In March 2020, Aigel released the music video "You're Born", directed by Andžejs Gavrišs. Andrey Nikolaev, won the cinematography in a music video award at EnergaCamerimage Film Festival for his work on "You're Born".

In August 2020, Aigel contributed a track to the compilation album For Belarus, intended to support victims of repression in Belarus in connection with the 2020 protests, with proceeds from the album's sales going to the Belarus Solidarity Foundation.

In November 2020, Aigel released their fourth album, Pıyala (Пыяла). All of the songs on Pıyala are in Tatar. The titular track received renewed attention when it was used in the television series The Boy's Word: Blood on the Asphalt in 2023, which led to fans posting their own performances of "Pıyala" translated into other minority languages online.

In September 2022, the band announced that they had been placed on a list of artists whose work was "not recommended" by the Russian government, due to their public opposition to the Russian invasion of Ukraine. Gaisina and Baramiya both left Russia permanently and continued creating music and performing abroad.

== Musical style ==
The group's lyrics mainly describe Gaisina's personal experiences related to her partner's trial and imprisonment and the expectation of his release.

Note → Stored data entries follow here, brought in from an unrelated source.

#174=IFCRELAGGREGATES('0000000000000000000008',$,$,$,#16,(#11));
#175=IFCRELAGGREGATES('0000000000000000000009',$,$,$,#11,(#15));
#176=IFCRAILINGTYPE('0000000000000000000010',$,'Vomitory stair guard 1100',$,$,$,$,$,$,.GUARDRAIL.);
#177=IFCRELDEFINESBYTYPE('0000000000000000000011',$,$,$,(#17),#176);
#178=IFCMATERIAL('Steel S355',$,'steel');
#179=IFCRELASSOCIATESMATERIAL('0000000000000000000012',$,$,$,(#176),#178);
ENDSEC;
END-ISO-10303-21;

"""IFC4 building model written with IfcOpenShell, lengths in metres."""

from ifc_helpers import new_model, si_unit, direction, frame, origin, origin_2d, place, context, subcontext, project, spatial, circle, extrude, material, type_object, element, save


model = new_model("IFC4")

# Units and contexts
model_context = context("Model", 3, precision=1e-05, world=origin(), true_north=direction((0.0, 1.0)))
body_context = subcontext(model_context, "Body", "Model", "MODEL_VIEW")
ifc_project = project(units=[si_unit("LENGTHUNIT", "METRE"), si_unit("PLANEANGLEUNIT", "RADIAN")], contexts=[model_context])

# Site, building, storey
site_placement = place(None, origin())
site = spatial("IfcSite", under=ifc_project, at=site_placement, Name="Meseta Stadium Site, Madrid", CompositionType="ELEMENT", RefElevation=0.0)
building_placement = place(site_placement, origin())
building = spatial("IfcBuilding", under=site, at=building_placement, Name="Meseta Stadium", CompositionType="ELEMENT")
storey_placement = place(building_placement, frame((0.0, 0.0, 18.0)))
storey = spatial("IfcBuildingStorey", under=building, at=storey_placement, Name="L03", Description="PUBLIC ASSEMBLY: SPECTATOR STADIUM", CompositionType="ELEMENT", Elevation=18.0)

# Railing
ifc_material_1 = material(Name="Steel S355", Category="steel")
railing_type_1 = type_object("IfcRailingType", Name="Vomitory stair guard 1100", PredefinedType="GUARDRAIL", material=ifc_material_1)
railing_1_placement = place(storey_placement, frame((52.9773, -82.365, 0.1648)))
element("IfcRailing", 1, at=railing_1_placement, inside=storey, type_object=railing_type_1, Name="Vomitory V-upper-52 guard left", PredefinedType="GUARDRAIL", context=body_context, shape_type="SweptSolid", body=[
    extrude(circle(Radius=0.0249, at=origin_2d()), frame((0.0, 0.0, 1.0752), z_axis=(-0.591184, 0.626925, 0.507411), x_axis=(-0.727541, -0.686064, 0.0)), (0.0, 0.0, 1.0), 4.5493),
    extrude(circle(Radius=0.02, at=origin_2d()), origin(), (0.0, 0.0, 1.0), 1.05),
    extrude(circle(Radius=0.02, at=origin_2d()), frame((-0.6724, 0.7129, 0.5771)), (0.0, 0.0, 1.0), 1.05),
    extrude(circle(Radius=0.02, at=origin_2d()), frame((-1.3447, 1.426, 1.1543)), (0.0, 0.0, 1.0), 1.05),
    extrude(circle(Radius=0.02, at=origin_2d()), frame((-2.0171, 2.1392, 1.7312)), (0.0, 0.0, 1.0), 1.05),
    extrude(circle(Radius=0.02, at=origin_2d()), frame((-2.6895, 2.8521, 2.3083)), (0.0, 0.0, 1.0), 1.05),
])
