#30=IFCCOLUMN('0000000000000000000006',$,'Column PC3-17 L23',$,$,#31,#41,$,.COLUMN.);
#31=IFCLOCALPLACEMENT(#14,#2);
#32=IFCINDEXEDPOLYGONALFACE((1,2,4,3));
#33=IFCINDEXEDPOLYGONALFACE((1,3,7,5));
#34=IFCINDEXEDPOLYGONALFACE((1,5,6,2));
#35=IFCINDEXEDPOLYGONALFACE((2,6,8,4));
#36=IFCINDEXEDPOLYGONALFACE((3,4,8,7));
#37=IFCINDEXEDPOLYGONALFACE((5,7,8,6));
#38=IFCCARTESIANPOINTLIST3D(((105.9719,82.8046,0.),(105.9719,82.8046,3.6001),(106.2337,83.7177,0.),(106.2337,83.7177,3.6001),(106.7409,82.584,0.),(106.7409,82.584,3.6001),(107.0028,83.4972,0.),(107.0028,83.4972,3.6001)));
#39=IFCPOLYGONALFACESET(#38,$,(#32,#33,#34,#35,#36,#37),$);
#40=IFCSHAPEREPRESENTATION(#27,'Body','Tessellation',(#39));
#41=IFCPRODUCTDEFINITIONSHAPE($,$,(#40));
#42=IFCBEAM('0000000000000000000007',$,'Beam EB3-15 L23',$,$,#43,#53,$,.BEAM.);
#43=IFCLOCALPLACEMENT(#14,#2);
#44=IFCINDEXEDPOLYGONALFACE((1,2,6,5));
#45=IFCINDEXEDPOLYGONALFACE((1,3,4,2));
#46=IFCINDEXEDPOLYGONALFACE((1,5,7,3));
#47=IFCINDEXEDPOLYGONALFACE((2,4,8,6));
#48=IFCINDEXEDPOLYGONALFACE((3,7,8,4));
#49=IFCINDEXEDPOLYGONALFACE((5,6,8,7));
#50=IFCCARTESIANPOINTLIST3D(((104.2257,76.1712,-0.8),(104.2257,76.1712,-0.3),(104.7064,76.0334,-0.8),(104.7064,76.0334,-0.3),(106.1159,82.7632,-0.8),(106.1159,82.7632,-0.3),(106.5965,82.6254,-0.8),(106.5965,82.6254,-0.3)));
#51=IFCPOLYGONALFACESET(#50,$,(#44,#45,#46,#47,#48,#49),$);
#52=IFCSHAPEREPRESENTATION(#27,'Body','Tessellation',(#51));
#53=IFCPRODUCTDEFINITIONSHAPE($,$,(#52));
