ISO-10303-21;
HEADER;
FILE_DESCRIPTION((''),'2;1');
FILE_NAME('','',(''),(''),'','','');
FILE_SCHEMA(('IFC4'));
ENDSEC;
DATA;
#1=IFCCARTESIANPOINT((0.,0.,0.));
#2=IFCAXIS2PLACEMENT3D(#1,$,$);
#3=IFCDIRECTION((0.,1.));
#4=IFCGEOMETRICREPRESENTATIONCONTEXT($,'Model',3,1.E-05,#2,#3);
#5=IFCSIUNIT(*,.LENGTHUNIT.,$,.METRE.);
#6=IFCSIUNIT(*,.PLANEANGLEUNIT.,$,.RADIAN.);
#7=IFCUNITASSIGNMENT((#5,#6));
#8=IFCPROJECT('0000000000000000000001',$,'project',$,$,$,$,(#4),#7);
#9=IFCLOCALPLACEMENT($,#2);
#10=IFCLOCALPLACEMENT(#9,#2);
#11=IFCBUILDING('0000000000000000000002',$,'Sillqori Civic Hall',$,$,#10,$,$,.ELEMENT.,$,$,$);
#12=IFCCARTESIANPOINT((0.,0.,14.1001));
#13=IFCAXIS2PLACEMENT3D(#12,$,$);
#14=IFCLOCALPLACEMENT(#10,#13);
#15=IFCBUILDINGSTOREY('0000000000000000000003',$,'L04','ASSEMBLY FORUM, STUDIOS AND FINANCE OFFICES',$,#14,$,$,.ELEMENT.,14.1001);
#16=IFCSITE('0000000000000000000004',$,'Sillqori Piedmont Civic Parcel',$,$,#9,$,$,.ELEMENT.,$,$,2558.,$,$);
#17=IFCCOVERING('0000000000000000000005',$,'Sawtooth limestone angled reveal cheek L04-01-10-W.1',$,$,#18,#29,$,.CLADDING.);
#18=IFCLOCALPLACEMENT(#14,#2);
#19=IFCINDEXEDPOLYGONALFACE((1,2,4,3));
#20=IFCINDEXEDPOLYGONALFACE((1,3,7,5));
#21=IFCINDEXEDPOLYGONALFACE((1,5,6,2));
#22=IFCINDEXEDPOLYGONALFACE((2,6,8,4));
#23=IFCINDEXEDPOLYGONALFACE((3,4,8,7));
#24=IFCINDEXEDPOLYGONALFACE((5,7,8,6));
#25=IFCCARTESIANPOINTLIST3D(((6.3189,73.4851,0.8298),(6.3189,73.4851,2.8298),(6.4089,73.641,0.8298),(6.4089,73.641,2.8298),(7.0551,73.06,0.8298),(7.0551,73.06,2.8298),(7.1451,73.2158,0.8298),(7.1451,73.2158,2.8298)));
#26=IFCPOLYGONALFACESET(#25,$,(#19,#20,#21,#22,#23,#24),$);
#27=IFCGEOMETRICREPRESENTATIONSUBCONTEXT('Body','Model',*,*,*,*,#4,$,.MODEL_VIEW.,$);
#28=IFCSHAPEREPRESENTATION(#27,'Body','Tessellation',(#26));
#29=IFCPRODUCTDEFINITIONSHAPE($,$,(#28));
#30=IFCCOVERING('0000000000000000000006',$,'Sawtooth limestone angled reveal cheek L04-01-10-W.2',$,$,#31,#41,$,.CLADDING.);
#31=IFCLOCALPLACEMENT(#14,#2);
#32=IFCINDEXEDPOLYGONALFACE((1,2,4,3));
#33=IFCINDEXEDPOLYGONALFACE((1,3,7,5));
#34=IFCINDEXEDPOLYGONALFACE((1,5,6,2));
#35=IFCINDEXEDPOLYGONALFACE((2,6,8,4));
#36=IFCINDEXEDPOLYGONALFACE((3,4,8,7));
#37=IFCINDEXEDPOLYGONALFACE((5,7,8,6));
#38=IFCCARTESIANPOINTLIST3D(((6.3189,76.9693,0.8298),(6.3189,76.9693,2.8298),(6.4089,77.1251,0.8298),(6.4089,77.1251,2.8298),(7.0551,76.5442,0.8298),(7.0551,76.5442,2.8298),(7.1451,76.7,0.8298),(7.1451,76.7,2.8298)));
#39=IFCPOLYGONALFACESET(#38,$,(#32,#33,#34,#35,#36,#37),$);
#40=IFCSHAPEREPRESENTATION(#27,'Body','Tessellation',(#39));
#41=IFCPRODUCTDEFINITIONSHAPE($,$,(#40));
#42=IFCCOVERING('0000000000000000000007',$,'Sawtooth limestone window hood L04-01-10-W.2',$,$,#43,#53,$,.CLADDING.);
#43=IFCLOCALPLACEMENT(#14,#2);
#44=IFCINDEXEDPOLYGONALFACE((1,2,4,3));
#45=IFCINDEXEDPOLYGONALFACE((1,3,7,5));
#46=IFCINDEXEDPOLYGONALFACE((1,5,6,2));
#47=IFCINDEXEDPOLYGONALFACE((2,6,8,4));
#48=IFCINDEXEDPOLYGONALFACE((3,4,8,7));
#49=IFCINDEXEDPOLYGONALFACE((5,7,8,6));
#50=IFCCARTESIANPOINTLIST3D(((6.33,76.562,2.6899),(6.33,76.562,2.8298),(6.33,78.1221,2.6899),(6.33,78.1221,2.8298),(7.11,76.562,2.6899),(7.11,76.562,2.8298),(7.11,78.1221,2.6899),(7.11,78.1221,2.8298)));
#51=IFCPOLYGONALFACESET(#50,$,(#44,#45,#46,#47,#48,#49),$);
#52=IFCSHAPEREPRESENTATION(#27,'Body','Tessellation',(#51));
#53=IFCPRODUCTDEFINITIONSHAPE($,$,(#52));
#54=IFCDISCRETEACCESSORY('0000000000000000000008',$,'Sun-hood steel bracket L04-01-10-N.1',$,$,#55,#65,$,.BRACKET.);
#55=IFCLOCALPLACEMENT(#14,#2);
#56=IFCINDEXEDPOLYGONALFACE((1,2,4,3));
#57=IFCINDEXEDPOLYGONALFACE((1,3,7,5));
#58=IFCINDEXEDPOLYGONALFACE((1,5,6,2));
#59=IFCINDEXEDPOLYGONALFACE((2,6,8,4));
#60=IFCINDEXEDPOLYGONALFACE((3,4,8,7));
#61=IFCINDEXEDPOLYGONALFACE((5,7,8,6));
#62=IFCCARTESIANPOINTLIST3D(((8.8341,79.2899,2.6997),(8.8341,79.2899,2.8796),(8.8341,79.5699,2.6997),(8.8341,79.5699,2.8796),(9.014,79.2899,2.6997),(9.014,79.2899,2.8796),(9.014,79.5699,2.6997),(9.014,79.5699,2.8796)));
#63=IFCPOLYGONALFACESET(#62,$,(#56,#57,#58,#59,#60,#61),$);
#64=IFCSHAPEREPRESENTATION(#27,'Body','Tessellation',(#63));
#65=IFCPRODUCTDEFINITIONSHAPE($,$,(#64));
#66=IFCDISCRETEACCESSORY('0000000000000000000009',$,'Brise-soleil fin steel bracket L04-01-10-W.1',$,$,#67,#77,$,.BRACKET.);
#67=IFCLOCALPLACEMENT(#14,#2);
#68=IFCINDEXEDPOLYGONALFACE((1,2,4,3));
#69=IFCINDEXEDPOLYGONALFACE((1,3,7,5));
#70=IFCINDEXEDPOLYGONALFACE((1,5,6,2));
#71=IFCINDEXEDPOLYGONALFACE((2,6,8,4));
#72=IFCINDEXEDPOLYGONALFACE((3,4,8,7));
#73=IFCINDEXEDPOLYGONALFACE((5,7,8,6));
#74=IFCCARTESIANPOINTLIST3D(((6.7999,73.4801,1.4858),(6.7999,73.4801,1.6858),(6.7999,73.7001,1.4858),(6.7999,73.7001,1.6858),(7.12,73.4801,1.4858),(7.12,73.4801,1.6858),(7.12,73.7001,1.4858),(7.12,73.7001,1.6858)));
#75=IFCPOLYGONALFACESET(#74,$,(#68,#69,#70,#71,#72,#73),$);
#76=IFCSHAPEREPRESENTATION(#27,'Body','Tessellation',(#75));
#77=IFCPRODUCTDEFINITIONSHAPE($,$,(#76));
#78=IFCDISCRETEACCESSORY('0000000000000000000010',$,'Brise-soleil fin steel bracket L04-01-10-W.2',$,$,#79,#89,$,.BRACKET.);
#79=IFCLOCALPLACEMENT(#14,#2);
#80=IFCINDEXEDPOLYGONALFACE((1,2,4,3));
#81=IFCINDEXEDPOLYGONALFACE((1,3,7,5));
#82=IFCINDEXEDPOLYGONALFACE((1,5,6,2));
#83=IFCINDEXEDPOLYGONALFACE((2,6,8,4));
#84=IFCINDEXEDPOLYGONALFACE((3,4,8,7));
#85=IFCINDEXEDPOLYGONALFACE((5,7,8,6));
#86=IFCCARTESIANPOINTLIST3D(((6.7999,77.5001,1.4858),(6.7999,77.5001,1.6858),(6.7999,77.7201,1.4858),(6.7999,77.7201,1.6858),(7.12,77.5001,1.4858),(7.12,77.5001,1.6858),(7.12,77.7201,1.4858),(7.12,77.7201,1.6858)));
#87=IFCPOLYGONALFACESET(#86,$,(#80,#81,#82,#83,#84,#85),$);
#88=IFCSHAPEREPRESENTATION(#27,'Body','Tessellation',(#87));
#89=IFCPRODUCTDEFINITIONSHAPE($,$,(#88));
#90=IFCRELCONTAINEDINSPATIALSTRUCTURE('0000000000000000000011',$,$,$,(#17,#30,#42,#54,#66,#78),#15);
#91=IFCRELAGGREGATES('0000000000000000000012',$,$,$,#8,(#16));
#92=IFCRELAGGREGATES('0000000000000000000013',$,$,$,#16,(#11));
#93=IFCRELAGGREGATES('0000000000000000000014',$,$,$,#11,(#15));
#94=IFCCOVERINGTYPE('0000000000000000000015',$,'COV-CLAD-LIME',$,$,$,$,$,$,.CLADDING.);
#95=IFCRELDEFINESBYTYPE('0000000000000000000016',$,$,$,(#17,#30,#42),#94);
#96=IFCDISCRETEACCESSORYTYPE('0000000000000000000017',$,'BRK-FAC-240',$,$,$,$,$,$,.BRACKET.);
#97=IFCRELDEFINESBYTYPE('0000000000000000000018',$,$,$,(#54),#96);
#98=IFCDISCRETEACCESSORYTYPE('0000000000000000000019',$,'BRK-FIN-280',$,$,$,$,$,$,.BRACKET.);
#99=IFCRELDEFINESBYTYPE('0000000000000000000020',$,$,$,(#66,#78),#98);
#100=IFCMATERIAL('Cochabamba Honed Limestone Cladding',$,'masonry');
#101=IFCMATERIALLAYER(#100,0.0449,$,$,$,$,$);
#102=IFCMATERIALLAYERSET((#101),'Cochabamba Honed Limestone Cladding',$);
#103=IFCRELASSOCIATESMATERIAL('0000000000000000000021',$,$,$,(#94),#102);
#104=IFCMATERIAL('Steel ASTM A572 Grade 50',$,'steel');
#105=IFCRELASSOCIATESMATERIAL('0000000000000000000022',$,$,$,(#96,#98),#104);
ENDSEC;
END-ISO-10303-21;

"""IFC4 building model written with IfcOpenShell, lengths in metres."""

from ifc_helpers import new_model, si_unit, direction, frame, frame_2d, origin, origin_2d, place, context, subcontext, project, spatial, rectangle, extrude, material, layer, layer_set, type_object, element, save


model = new_model("IFC4")

# Units and contexts
model_context = context("Model", 3, precision=1e-05, world=origin(), true_north=direction((0.0, 1.0)))
body_context = subcontext(model_context, "Body", "Model", "MODEL_VIEW")
ifc_project = project(units=[si_unit("LENGTHUNIT", "METRE"), si_unit("PLANEANGLEUNIT", "RADIAN")], contexts=[model_context])

# Site, building, storey
site_placement = place(None, origin())
site = spatial("IfcSite", under=ifc_project, at=site_placement, Name="Sillqori Piedmont Civic Parcel", CompositionType="ELEMENT", RefElevation=2558.0)
building_placement = place(site_placement, origin())
building = spatial("IfcBuilding", under=site, at=building_placement, Name="Sillqori Civic Hall", CompositionType="ELEMENT")
storey_placement = place(building_placement, frame((0.0, 0.0, 14.1001)))
storey = spatial("IfcBuildingStorey", under=building, at=storey_placement, Name="L04", Description="ASSEMBLY FORUM, STUDIOS AND FINANCE OFFICES", CompositionType="ELEMENT", Elevation=14.1001)

# Coverings
ifc_material_1 = material(Name="Cochabamba Honed Limestone Cladding", Category="masonry")
ifc_layer_1 = layer(ifc_material_1, 0.0449)
ifc_layer_set_1 = layer_set([ifc_layer_1], Name="Cochabamba Honed Limestone Cladding")
covering_type = type_object("IfcCoveringType", Name="COV-CLAD-LIME", PredefinedType="CLADDING", material=ifc_layer_set_1)
for number, where, z_axis, x_axis, name in (
    (1, (7.1001, 73.1379, 0.8298), (0.0, 0.0, 1.0), (-0.865989, 0.500062, 0.0), "Sawtooth limestone angled reveal cheek L04-01-10-W.1"),
    (2, (7.1001, 76.6221, 0.8298), (0.0, 0.0, 1.0), (-0.865989, 0.500062, 0.0), "Sawtooth limestone angled reveal cheek L04-01-10-W.2"),
):
    element("IfcCovering", number, at=place(storey_placement, frame(where, z_axis=z_axis, x_axis=x_axis)), inside=storey, type_object=covering_type, Name=name, PredefinedType="CLADDING", context=body_context, shape_type="SweptSolid", body=[
        extrude(rectangle(XDim=0.8501, YDim=0.1799, at=frame_2d((0.425, 0.0))), origin(), (0.0, 0.0, 1.0), 2.0),
    ])
covering_1_placement = place(storey_placement, frame((6.72, 76.562, 2.6899), z_axis=(0.0, 0.0, 1.0), x_axis=(0.0, 1.0, 0.0)))
element("IfcCovering", 3, at=covering_1_placement, inside=storey, type_object=covering_type, Name="Sawtooth limestone window hood L04-01-10-W.2", PredefinedType="CLADDING", context=body_context, shape_type="SweptSolid", body=[
    extrude(rectangle(XDim=1.5601, YDim=0.78, at=frame_2d((0.78, 0.0))), origin(), (0.0, 0.0, 1.0), 0.1399),
])

# Discrete accessories
ifc_material_2 = material(Name="Steel ASTM A572 Grade 50", Category="steel")
discrete_accessory_type_1 = type_object("IfcDiscreteAccessoryType", Name="BRK-FAC-240", PredefinedType="BRACKET", material=ifc_material_2)
discrete_accessory_placement = place(storey_placement, frame((8.9241, 79.4299, 2.6997), z_axis=(0.0, 0.0, 1.0), x_axis=(1.0, 0.0, 0.0)))
element("IfcDiscreteAccessory", 4, at=discrete_accessory_placement, inside=storey, type_object=discrete_accessory_type_1, Name="Sun-hood steel bracket L04-01-10-N.1", PredefinedType="BRACKET", context=body_context, shape_type="SweptSolid", body=[
    extrude(rectangle(XDim=0.1799, YDim=0.28, at=origin_2d()), origin(), (0.0, 0.0, 1.0), 0.1799),
])
discrete_accessory_type_2 = type_object("IfcDiscreteAccessoryType", Name="BRK-FIN-280", PredefinedType="BRACKET", material=ifc_material_2)
for number, where, z_axis, x_axis, name in (
    (5, (6.96, 73.5901, 1.4858), (0.0, 0.0, 1.0), (0.0, 1.0, 0.0), "Brise-soleil fin steel bracket L04-01-10-W.1"),
    (6, (6.96, 77.6101, 1.4858), (0.0, 0.0, 1.0), (0.0, 1.0, 0.0), "Brise-soleil fin steel bracket L04-01-10-W.2"),
):
    element("IfcDiscreteAccessory", number, at=place(storey_placement, frame(where, z_axis=z_axis, x_axis=x_axis)), inside=storey, type_object=discrete_accessory_type_2, Name=name, PredefinedType="BRACKET", context=body_context, shape_type="SweptSolid", body=[
        extrude(rectangle(XDim=0.22, YDim=0.3201, at=origin_2d()), origin(), (0.0, 0.0, 1.0), 0.2),
    ])

save(model, "model.ifc")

Since Gaisina and Baramiya live in different cities, most of their collaboration occurs remotely. Baramiya sends beats to Gaisina, and Gaisina writes lyrics and records her vocals. The musicians had not met in person or even spoken on the phone until their first concert.

Most of Aigel's songs were written by Gaisina specifically for performance to music, but some of the lyrics come from poems written earlier and then adapted to music. Baramiya has cited Run the Jewels as an influence.

== Discography ==

=== Studio albums ===

- 1190 (2017)
- Muzyka (Музыка)(2018)
- Edem (Эдем) (2019)
- Pıyala (Пыяла) (2020)
- Killer Qız (2025)

=== EPs ===

- Buş Baş (Буш Баш) (2017)
- RMX (2017)
- Ofigeno (Офигенно) (2020)

=== Guest appearances ===

- "Voodoo Doll" — Velial Squad featuring Aigel, from the 2019 album Golovu na plakhu (Голову на плаху)

=== Music videos ===

- "Tatarin" («Татарин») (25 August 2017)
- "1190" (5 December 2017)
- "Prints na belom" («Принц на белом») (15 May 2018)
- "Dukhi ognya" («Духи огня») (5 October 2018)
- "Chetkii" («Четкий») (7 June 2019)
- "Sneg" («Снег») (6 September 2019)
- "Ono vydelyalo teplo" («Оно выделяло тепло») (lyric video) (26 December 2019)
- "You're Born" (12 March 2020)
- "Dve nedeli" («Две недели») (10 April 2020)

== Awards and nominations ==

Award: Year; Nominee(s); Category; Result; Ref.
Austin Music Video Festival: 2021; "You're Born"; Best Cinematography; Nominated
Best Director: Won
Best Narrative: Nominated
Video of the Year: Nominated
Berlin Music Video Awards: 2018; "Tatarin"; Best Editor; Won
"1190": Best Cinematography; Nominated
2020: "You're Born"; Best Director; Nominated
2025: "Children's Sea"; Best Song; Nominated

At the 2017 Jager Music Awards, Aigel won Video of the Year for "Tatarin".